Querying custom metrics
Now that we are collecting custom metrics in our Log Analytics workspace, it’s time to work with those metrics: Querying, dashboards, alerts, etc.
To query your metrics, you can use the Azure Data Explorer Web UI, and add your Log Analytics workspace with the following URL format: https://ade.loganalytics.io/subscriptions/<subscription_id>/resourcegroups/<resource_group>/providers/microsoft.operationalinsights/workspaces/<workspace_name>
.
Start writing your queries!! Here are a few from the dashboard above that I created:
All current and pending requests for the past hour
1
2
3
4
5
6
InsightsMetrics
| where TimeGenerated > ago(1h)
| where Namespace == "prometheus"
| where Name in ("app_requests_current", "app_requests_pending")
| summarize Total = sum(Val) by TimeGenerated, Name
| sort by TimeGenerated asc, Name asc
Count of app health signals for the past hour
1
2
3
4
5
6
InsightsMetrics
| where TimeGenerated between (_startTime .. _endTime)

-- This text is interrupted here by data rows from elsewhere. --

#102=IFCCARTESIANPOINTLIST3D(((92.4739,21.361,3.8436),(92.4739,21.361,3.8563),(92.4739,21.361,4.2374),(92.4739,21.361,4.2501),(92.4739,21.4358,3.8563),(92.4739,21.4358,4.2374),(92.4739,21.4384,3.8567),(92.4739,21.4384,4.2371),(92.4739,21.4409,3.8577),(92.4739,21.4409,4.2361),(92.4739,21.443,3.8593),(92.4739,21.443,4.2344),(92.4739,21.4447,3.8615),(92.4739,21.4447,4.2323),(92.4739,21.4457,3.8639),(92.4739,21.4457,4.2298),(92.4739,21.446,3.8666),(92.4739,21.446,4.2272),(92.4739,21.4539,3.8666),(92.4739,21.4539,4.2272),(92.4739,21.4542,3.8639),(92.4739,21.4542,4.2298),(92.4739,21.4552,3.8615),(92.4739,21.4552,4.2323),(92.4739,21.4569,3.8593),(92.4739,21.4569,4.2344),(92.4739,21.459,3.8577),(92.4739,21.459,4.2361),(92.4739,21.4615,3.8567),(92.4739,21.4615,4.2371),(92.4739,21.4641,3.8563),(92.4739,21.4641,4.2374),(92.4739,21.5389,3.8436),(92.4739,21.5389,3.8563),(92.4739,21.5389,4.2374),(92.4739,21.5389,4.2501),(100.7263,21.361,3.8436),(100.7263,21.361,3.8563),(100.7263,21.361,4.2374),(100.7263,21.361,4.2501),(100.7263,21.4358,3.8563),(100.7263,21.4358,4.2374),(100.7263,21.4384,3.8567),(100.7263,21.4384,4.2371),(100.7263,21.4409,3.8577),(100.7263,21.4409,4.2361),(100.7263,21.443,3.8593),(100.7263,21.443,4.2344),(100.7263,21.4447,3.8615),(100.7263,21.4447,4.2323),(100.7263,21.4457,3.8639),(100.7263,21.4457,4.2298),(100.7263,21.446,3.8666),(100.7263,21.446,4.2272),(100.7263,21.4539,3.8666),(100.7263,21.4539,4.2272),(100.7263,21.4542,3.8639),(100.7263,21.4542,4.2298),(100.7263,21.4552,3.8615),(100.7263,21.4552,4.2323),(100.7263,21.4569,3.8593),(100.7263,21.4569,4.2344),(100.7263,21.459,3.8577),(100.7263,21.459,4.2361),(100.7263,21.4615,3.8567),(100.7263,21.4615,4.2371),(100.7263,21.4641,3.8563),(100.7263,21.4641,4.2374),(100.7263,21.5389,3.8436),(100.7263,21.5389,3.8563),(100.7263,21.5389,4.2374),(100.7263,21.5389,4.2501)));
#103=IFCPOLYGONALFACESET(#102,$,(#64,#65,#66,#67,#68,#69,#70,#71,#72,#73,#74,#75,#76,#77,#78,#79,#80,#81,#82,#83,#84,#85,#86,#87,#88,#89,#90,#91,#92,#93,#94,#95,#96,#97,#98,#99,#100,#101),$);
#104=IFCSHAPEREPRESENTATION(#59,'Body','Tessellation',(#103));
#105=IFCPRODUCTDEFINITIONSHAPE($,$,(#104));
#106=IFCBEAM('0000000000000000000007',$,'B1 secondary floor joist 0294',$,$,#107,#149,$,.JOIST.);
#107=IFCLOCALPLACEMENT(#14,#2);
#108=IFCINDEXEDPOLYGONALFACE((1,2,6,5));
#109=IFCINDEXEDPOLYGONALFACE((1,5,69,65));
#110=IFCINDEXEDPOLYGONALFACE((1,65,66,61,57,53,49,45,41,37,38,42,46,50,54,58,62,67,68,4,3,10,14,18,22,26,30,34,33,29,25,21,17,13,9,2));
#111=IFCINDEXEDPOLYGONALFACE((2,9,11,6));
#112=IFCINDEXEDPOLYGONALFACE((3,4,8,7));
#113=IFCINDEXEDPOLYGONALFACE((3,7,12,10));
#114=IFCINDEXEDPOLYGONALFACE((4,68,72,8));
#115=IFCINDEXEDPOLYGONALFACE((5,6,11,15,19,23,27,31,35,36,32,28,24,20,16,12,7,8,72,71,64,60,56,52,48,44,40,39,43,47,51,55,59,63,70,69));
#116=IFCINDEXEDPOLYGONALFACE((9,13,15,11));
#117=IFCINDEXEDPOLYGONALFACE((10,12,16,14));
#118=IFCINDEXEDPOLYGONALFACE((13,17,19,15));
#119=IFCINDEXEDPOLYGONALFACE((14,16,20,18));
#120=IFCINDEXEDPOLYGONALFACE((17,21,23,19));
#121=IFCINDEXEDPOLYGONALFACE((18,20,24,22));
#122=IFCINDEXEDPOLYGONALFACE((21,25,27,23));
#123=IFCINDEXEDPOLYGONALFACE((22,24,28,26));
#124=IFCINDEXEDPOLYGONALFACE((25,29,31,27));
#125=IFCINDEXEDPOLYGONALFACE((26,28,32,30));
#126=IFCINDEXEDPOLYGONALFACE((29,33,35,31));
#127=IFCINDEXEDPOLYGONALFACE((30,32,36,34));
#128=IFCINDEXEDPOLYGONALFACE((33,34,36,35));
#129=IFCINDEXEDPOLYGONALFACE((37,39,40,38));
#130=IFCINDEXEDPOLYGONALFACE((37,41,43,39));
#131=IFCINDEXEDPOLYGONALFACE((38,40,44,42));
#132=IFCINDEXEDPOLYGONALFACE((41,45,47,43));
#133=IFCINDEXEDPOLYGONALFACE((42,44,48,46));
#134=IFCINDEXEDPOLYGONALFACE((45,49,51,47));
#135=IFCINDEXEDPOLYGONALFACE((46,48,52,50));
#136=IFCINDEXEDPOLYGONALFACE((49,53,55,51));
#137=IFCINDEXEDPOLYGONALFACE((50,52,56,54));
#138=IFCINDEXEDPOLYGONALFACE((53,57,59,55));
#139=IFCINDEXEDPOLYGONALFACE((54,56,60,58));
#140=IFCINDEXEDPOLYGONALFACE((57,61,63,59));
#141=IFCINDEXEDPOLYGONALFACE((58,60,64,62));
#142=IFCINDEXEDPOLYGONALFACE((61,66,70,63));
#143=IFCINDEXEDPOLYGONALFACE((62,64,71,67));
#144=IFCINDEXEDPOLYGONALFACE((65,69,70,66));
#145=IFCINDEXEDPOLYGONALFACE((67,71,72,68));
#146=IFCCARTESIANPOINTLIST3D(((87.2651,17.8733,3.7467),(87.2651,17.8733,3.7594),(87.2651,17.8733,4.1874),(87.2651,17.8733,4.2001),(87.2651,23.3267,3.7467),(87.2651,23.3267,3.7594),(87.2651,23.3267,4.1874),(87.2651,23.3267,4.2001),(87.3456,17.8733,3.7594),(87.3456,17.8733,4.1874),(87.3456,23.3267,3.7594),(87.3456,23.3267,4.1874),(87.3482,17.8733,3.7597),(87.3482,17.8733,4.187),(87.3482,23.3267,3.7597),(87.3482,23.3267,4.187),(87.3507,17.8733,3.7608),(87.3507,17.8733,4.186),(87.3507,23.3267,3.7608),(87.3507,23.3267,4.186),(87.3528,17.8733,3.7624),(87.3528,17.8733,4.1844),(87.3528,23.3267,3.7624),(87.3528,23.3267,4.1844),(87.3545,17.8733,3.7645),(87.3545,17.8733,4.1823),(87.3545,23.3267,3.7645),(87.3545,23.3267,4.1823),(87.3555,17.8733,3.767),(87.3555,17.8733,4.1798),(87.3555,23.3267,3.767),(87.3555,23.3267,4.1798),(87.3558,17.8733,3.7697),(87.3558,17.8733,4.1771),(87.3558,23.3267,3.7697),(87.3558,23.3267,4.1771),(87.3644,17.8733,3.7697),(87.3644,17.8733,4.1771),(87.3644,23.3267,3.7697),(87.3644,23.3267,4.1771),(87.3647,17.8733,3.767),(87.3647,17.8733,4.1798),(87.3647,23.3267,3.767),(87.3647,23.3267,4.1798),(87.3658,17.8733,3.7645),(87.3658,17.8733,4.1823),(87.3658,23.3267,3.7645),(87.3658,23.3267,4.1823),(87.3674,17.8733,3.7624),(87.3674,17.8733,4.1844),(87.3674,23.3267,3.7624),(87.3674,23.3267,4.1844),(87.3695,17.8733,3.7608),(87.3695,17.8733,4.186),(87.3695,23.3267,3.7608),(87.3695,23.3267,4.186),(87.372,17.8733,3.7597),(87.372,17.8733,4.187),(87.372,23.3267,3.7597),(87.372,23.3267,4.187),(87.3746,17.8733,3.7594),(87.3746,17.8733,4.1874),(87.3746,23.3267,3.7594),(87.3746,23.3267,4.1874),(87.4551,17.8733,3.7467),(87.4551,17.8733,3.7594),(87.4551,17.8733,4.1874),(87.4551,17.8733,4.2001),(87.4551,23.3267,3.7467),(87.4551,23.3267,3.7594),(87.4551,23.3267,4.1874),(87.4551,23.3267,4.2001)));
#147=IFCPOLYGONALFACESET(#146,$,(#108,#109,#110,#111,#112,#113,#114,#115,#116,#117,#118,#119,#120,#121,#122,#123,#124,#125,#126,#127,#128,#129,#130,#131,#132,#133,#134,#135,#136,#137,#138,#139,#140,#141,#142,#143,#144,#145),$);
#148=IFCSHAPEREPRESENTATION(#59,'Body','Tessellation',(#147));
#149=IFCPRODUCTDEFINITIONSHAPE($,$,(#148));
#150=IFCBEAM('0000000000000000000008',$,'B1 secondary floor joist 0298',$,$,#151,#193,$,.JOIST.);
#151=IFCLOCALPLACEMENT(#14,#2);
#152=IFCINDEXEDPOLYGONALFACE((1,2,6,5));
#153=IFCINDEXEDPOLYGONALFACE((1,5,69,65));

| where Namespace == "prometheus"
| where Name == "app_health"
| where Val == 0
| summarize Count = count()
Application uptime
1
2
3
4
5
6
InsightsMetrics
| where Namespace == "prometheus"
| where Name == "app_uptime"
| summarize MinUptime = min(Val) by TimeGenerated
| top 1 by TimeGenerated desc
| project MinUptime
Memory consumption
1
2
3
4
5
6
InsightsMetrics
| where TimeGenerated > ago(1h)
| where Namespace == "prometheus"
| where Name == "process_virtual_memory_bytes"
| summarize MaxMem = max(Val) by TimeGenerated
| sort by TimeGenerated asc
Note: These above queries work for my custom metrics that I defined, so you would have to create your queries for your particular custom metrics.
Summary
Metrics are a key component of production software, and AKS makes it an easy task to collect, analyze, and visualize your metrics in a meaningful way.